MV Storno was a roll-on/roll-off (Ro-Ro) ferry formerly operated by Marine Atlantic from North Sydney, Nova Scotia to Channel-Port aux Basques, Newfoundland, Canada. The vessel was completed in 1978 by Hyundai Shipbuilding Company Limited in and delivered to the Stena Line which operates in Northern Europe. She was sold on 12 March 2010 and given her current name Pelagitis. In 2025 AINAFTIS sold the ship to Togo Cargo Ferries in 2025 and has the name Storno. The vessel was scrapped in Turkey at the beginning of 2026.

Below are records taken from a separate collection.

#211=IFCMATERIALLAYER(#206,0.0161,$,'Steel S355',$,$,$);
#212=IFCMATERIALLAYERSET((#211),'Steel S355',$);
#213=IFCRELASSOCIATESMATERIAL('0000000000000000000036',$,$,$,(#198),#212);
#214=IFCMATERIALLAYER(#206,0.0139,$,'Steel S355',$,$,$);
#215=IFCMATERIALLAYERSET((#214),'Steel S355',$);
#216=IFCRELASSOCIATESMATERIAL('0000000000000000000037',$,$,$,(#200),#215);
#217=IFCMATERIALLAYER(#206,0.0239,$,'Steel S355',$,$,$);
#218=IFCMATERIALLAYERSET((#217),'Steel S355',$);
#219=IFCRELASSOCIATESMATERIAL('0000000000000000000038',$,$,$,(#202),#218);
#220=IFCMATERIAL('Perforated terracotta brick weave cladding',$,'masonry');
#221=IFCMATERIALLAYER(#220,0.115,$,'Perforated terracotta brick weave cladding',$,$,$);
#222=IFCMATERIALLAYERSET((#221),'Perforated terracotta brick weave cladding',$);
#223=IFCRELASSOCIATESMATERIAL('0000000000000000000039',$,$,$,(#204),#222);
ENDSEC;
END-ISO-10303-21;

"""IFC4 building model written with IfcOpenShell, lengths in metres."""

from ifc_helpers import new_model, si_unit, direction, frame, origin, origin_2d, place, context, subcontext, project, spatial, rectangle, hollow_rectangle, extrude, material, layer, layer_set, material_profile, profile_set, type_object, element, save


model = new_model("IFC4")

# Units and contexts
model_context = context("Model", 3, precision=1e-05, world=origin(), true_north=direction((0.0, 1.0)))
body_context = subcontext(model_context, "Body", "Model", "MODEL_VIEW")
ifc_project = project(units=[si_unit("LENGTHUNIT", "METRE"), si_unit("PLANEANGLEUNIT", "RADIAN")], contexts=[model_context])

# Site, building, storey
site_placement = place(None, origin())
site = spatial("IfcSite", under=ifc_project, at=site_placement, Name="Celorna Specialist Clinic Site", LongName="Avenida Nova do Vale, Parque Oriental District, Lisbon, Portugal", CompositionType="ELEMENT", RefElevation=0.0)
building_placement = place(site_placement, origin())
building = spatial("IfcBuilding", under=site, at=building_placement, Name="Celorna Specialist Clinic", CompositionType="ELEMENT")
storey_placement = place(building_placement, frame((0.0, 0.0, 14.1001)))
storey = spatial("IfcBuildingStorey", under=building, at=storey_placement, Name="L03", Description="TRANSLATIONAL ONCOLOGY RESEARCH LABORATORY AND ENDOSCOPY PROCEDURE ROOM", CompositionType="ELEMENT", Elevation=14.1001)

Throughout her career, the vessel sailed under the names Atlantic Freighter, Merzario Grecia, Stena Grecia, and Tor Felicia.

==Operation==
Loading and unloading the vessel each take over three hours. Eight trailers are loaded at one time using a "yard tractor train system". The vessel represented 19.6 percent of Marine Atlantic's fleet in 2005.

==Asbestos risk==
In 1990 asbestos was found in use on the vessel. Management made the decision to encapsulate the asbestos. In November 2007, 60 workers on Atlantic Freighter were told they should be tested for asbestos exposure.

==Gulf War service==
Atlantic Freighter was chartered by the United States Military Sealift Command in December 1990, and served two supply missions to the Persian Gulf during the Gulf War. The vessel was captained by Neil Hillier, and crewed by 25 volunteers. Fisheries and Oceans Minister, Fred Mifflin was credited with five years of efforts to secure the right for the crew to wear the United States Merchant Marine Expeditionary Award.